Hello everyone,
Congratulations and waiting for 0.2 to roll out.
I had been working on extraction of variant information and working on gwas data and i thought of extracting data by means of rsid. I think it will be helpful as each variant have rsids and can be very easy in mapping. and i think it also solves the transcripts problem(like one variant have many transcripts when rsid is used for extraction each have their own rsid which helps in extraction)
Thank you
Hi Akhil,
can you give an example of the input and output you’d like to see? The variant annotations / bed file that should get produced.

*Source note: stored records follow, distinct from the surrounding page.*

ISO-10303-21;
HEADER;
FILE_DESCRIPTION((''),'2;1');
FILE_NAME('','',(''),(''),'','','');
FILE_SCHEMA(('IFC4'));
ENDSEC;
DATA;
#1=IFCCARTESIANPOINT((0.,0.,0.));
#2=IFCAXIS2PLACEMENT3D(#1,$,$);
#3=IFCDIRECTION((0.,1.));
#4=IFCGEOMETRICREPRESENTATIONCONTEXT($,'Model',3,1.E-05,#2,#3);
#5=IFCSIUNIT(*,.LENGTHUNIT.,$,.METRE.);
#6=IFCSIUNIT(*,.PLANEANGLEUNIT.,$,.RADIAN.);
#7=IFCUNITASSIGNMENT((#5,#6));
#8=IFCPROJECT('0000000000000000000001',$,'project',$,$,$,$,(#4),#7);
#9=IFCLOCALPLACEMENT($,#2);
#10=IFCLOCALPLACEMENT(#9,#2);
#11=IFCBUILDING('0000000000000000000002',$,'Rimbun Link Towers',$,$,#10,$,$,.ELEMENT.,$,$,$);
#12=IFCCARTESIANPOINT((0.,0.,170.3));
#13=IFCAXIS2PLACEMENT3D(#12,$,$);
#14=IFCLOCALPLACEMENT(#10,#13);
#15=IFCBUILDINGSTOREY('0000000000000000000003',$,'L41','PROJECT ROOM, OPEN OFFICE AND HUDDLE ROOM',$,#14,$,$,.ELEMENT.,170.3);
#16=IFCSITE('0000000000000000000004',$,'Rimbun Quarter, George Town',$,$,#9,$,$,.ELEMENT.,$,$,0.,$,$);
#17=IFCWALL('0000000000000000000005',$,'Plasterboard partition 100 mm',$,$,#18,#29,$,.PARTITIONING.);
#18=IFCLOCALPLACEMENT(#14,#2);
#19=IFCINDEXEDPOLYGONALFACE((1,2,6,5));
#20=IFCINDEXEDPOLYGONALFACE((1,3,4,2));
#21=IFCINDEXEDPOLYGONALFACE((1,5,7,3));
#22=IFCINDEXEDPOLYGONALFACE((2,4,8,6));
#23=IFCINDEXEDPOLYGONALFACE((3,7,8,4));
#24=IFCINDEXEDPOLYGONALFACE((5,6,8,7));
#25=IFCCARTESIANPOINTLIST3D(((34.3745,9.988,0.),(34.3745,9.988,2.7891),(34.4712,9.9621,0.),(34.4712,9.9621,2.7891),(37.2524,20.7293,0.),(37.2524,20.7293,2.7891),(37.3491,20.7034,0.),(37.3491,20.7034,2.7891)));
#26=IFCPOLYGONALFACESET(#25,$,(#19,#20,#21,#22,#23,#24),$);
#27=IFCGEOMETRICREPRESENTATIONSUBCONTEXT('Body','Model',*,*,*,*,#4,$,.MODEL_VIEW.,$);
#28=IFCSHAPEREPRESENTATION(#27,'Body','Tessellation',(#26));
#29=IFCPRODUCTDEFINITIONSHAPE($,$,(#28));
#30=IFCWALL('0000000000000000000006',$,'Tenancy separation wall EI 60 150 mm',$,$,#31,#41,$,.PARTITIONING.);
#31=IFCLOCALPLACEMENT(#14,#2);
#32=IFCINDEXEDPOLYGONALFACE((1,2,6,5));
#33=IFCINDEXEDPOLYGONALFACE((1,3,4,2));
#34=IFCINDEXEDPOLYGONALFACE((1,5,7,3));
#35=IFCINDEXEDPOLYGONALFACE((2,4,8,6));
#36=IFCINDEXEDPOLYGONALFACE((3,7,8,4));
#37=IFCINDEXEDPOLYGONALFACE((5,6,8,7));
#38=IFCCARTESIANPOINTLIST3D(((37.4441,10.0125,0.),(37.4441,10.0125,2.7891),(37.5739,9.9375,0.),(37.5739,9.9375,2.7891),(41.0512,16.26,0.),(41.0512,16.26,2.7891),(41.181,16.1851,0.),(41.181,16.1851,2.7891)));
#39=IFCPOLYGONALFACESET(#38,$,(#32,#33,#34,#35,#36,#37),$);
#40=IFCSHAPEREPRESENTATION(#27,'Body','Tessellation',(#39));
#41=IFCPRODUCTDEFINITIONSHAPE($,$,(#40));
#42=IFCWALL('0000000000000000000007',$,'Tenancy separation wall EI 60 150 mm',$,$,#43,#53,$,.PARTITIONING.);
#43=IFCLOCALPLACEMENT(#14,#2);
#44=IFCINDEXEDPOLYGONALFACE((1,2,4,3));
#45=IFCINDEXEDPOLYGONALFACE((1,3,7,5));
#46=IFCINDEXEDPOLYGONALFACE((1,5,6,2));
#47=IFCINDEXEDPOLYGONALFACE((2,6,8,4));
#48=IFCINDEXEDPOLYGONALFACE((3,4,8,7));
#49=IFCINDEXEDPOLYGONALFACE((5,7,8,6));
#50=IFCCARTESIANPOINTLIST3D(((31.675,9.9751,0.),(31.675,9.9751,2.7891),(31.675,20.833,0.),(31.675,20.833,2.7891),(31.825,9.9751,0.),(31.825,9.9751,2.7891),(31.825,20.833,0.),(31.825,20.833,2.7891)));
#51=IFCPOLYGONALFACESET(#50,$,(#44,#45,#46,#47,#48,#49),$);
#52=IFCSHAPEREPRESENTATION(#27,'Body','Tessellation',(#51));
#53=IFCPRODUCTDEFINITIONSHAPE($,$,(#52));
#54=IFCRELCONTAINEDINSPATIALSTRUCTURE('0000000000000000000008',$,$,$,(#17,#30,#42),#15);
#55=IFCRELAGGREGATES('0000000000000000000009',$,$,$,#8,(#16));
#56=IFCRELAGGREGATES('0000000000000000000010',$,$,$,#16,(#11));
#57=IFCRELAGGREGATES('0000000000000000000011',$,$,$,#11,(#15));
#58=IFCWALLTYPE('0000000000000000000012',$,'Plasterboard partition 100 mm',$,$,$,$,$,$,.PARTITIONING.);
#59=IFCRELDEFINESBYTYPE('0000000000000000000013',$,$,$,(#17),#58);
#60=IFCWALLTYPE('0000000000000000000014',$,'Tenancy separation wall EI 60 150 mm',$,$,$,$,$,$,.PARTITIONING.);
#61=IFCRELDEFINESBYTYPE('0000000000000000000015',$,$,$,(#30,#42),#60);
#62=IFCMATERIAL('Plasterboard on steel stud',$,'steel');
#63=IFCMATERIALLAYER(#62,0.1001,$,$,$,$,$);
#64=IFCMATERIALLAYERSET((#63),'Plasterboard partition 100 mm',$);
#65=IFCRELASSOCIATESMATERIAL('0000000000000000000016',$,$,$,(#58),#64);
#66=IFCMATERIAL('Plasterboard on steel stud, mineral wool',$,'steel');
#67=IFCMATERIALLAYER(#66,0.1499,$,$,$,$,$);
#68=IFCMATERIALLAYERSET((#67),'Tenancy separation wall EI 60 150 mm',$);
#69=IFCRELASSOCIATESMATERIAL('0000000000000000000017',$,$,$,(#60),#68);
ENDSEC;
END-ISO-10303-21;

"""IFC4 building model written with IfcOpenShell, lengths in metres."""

from ifc_helpers import new_model, si_unit, direction, frame, frame_2d, origin, place, context, subcontext, project, spatial, rectangle, extrude, material, layer, layer_set, type_object, element, save


model = new_model("IFC4")

# Units and contexts
model_context = context("Model", 3, precision=1e-05, world=origin(), true_north=direction((0.0, 1.0)))
body_context = subcontext(model_context, "Body", "Model", "MODEL_VIEW")
ifc_project = project(units=[si_unit("LENGTHUNIT", "METRE"), si_unit("PLANEANGLEUNIT", "RADIAN")], contexts=[model_context])

# Site, building, storey
site_placement = place(None, origin())
site = spatial("IfcSite", under=ifc_project, at=site_placement, Name="Rimbun Quarter, George Town", CompositionType="ELEMENT", RefElevation=0.0)
building_placement = place(site_placement, origin())
building = spatial("IfcBuilding", under=site, at=building_placement, Name="Rimbun Link Towers", CompositionType="ELEMENT")
storey_placement = place(building_placement, frame((0.0, 0.0, 170.3)))
storey = spatial("IfcBuildingStorey", under=building, at=storey_placement, Name="L41", Description="PROJECT ROOM, OPEN OFFICE AND HUDDLE ROOM", CompositionType="ELEMENT", Elevation=170.3)

# Walls
ifc_material_1 = material(Name="Plasterboard on steel stud", Category="steel")
ifc_layer_1 = layer(ifc_material_1, 0.1001)
ifc_layer_set_1 = layer_set([ifc_layer_1], Name="Plasterboard partition 100 mm")
wall_type_1 = type_object("IfcWallType", Name="Plasterboard partition 100 mm", PredefinedType="PARTITIONING", material=ifc_layer_set_1)
wall_1_placement = place(storey_placement, frame((37.3008, 20.7163, 0.0), z_axis=(0.0, 0.0, 1.0), x_axis=(-0.258805, -0.96593, 0.0)))
element("IfcWall", 1, at=wall_1_placement, inside=storey, type_object=wall_type_1, Name="Plasterboard partition 100 mm", PredefinedType="PARTITIONING", context=body_context, shape_type="SweptSolid", body=[
    extrude(rectangle(XDim=11.1201, YDim=0.1001, at=frame_2d((5.5601, 0.0))), origin(), (0.0, 0.0, 1.0), 2.7891),
])
ifc_material_2 = material(Name="Plasterboard on steel stud, mineral wool", Category="steel")
ifc_layer_2 = layer(ifc_material_2, 0.1499)
ifc_layer_set_2 = layer_set([ifc_layer_2], Name="Tenancy separation wall EI 60 150 mm")
wall_type_2 = type_object("IfcWallType", Name="Tenancy separation wall EI 60 150 mm", PredefinedType="PARTITIONING", material=ifc_layer_set_2)
wall_2_placement = place(storey_placement, frame((37.509, 9.9751, 0.0), z_axis=(0.0, 0.0, 1.0), x_axis=(0.500015, 0.866017, 0.0)))
element("IfcWall", 2, at=wall_2_placement, inside=storey, type_object=wall_type_2, Name="Tenancy separation wall EI 60 150 mm", PredefinedType="PARTITIONING", context=body_context, shape_type="SweptSolid", body=[
    extrude(rectangle(XDim=7.2141, YDim=0.1499, at=frame_2d((3.6069, 0.0))), origin(), (0.0, 0.0, 1.0), 2.7891),
])
wall_3_placement = place(storey_placement, frame((31.75, 9.9751, 0.0), z_axis=(0.0, 0.0, 1.0), x_axis=(0.0, 1.0, 0.0)))
element("IfcWall", 3, at=wall_3_placement, inside=storey, type_object=wall_type_2, Name="Tenancy separation wall EI 60 150 mm", PredefinedType="PARTITIONING", context=body_context, shape_type="SweptSolid", body=[
    extrude(rectangle(XDim=10.8579, YDim=0.1499, at=frame_2d((5.429, 0.0))), origin(), (0.0, 0.0, 1.0), 2.7891),
])

save(model, "model.ifc")
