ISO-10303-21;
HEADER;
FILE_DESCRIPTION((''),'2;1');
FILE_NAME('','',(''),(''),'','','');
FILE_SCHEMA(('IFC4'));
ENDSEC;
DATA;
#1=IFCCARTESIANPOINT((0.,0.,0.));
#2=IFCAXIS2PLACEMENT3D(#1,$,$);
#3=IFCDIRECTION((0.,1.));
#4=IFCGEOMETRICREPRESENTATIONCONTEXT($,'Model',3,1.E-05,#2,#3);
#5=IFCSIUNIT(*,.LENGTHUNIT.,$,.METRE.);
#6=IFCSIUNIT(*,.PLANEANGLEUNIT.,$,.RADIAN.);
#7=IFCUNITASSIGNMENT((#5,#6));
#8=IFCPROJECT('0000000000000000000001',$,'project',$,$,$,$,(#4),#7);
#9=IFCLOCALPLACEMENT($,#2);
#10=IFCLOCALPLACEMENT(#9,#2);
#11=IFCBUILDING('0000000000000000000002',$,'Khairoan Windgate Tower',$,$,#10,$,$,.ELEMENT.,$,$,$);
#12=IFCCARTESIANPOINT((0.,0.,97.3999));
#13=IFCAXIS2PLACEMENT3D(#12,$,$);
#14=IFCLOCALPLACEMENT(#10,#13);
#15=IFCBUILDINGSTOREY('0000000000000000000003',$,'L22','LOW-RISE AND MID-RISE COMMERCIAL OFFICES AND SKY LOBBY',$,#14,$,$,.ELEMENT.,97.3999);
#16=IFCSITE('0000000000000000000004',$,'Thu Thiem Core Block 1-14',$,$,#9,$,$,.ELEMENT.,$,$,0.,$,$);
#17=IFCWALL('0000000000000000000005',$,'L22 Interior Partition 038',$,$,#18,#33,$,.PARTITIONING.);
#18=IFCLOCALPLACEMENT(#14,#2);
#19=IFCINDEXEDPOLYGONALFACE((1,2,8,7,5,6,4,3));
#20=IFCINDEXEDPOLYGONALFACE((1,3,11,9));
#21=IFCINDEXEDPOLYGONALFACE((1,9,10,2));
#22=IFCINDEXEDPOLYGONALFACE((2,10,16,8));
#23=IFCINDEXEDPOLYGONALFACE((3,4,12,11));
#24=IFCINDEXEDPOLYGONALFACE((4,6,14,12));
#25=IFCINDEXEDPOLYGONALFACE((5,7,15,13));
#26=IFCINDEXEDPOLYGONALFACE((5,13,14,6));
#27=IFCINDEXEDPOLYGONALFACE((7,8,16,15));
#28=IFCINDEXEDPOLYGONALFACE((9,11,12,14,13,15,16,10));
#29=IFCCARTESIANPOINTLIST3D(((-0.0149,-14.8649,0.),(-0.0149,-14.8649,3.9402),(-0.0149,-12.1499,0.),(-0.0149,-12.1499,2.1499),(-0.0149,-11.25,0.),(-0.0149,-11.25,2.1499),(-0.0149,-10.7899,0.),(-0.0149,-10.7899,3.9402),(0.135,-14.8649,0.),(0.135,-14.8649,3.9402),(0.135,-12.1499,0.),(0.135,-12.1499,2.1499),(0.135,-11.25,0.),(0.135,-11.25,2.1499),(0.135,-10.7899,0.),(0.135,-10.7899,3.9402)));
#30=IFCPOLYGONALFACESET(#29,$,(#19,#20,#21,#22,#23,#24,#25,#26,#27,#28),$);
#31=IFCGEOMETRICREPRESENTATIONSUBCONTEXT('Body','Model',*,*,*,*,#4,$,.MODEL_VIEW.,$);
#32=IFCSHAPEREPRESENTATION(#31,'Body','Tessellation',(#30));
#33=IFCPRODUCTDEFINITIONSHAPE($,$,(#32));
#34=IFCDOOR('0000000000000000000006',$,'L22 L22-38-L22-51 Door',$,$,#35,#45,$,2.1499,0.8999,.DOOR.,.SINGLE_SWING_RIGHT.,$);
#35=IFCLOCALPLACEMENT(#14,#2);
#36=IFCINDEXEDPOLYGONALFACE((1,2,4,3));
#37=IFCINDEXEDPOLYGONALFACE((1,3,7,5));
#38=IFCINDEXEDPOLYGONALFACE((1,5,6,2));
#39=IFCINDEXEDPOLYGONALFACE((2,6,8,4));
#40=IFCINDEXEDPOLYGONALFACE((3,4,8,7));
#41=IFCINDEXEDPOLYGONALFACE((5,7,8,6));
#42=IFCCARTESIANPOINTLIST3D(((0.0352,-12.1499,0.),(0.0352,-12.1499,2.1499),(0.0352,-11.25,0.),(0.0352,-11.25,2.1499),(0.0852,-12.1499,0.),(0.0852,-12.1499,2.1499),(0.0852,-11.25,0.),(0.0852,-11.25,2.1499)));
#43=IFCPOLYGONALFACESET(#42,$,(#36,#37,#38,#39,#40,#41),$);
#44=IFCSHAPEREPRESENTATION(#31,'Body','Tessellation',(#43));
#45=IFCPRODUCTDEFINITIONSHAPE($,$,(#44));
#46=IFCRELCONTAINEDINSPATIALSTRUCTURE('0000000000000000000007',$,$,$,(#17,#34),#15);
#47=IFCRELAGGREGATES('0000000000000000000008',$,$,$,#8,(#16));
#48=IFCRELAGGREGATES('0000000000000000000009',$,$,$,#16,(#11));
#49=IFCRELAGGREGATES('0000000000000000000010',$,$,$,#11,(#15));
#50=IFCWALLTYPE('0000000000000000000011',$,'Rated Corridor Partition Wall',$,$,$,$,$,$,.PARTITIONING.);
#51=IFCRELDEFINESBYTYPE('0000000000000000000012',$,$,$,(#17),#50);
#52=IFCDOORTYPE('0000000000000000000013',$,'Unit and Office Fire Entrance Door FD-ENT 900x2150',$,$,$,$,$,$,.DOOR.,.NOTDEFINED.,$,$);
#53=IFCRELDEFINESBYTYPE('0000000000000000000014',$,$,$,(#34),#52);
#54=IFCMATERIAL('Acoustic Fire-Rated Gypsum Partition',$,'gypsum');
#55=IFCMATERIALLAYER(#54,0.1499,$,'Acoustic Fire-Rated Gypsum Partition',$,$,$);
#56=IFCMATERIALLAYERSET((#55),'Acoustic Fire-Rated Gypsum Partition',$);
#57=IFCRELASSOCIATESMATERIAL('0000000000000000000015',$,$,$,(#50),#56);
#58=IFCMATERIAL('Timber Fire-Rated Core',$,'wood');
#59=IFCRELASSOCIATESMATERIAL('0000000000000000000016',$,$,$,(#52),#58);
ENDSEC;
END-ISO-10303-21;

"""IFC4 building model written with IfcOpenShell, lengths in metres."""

from ifc_helpers import new_model, si_unit, direction, frame, frame_2d, origin, place, context, subcontext, project, spatial, rectangle, extrude, material, layer, layer_set, type_object, element, fill, save


model = new_model("IFC4")

# Units and contexts
model_context = context("Model", 3, precision=1e-05, world=origin(), true_north=direction((0.0, 1.0)))
body_context = subcontext(model_context, "Body", "Model", "MODEL_VIEW")
ifc_project = project(units=[si_unit("LENGTHUNIT", "METRE"), si_unit("PLANEANGLEUNIT", "RADIAN")], contexts=[model_context])

# Site, building, storey
site_placement = place(None, origin())
site = spatial("IfcSite", under=ifc_project, at=site_placement, Name="Thu Thiem Core Block 1-14", CompositionType="ELEMENT", RefElevation=0.0)
building_placement = place(site_placement, origin())
building = spatial("IfcBuilding", under=site, at=building_placement, Name="Khairoan Windgate Tower", CompositionType="ELEMENT")
storey_placement = place(building_placement, frame((0.0, 0.0, 97.3999)))
storey = spatial("IfcBuildingStorey", under=building, at=storey_placement, Name="L22", Description="LOW-RISE AND MID-RISE COMMERCIAL OFFICES AND SKY LOBBY", CompositionType="ELEMENT", Elevation=97.3999)

# Wall, opening, door
ifc_material_1 = material(Name="Acoustic Fire-Rated Gypsum Partition", Category="gypsum")
ifc_layer_1 = layer(ifc_material_1, 0.1499, Name="Acoustic Fire-Rated Gypsum Partition")
ifc_layer_set_1 = layer_set([ifc_layer_1], Name="Acoustic Fire-Rated Gypsum Partition")
wall_type_1 = type_object("IfcWallType", Name="Rated Corridor Partition Wall", PredefinedType="PARTITIONING", material=ifc_layer_set_1)
ifc_material_2 = material(Name="Timber Fire-Rated Core", Category="wood")
door_type = type_object("IfcDoorType", Name="Unit and Office Fire Entrance Door FD-ENT 900x2150", OperationType="NOTDEFINED", PredefinedType="DOOR", material=ifc_material_2)
wall_1_placement = place(storey_placement, frame((0.0601, -14.865, 0.0), z_axis=(0.0, 0.0, 1.0), x_axis=(0.0, 1.0, 0.0)))
wall_1 = element("IfcWall", 1, at=wall_1_placement, inside=storey, type_object=wall_type_1, Name="L22 Interior Partition 038", PredefinedType="PARTITIONING", context=body_context, shape_type="SweptSolid", body=[
    extrude(rectangle(XDim=4.075, YDim=0.1499, at=frame_2d((2.0376, 0.0))), origin(), (0.0, 0.0, 1.0), 3.9402),
])
opening_1_placement = place(wall_1_placement, frame((2.7151, 0.0, 0.0)))
opening_1 = element("IfcOpeningElement", 2, at=opening_1_placement, cuts=wall_1, PredefinedType="OPENING", context=body_context, shape_type="SweptSolid", body=[
    extrude(rectangle(XDim=0.8999, YDim=2.1499, at=frame_2d((0.45, 1.075))), frame((0.0, 0.085, 0.0), z_axis=(0.0, -1.0, 0.0), x_axis=(1.0, 0.0, 0.0)), (0.0, 0.0, 1.0), 0.1699),
])
door_1_placement = place(opening_1_placement, origin())
door_1 = element("IfcDoor", 3, at=door_1_placement, inside=storey, type_object=door_type, Name="L22 L22-38-L22-51 Door", OperationType="SINGLE_SWING_RIGHT", OverallHeight=2.1499, OverallWidth=0.8999, PredefinedType="DOOR", context=body_context, shape_type="SweptSolid", body=[
    extrude(rectangle(XDim=0.8999, YDim=2.1499, at=frame_2d((0.45, 1.075))), frame((0.0, 0.0249, 0.0), z_axis=(0.0, -1.0, 0.0), x_axis=(1.0, 0.0, 0.0)), (0.0, 0.0, 1.0), 0.05),
])
fill(opening_1, door_1)

save(model, "model.ifc")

Sorry tim for the late reply. basically its like this. if we have chrom regions along with rsids , we can extract the genes with corresponding snps informaiton based on rsids.( i dont know what i mentioned is correct or not)
Input:
chrom |
start |
end |
snps |
P_VALUE |
disease |
chr1 |
203155882 |
203155882 |
rs4950928 |
1.00E-13 |
YKL-40 levels |
chr13 |
40350912 |
40350912 |
rs7993214 |
2.00E-06 |
Psoriasis |
chr15 |
78806023 |
78806023 |
rs8034191 |
3.00E-18 |
Lung cancer |
chr1 |
159680868 |
159680868 |
rs2808630 |
7.00E-06 |
Lung cancer |
chr3 |
190350461 |
190350461 |
rs7626795 |
8.00E-06 |
Lung cancer |
output should be like this in bed file format:
rsid chr TSS TTS genes_present_in_that_region
and if possible we can extract the variants based on rsids near Transcriptions start site using rsids?
I dont know whether its possible or not but just an idea
Ah, so you need to take the information in the table and find variants nearby? e.g. the chr1:203155882 line should find variants on chr1 nearby 203155882.
That’s something that totally should be possible in Hail, but I’m not sure how to do it right now.
Let’s explore when 0.2 is out!
ya thats the exact information i need. so thought of asking why not keep that kind of functionality in hail.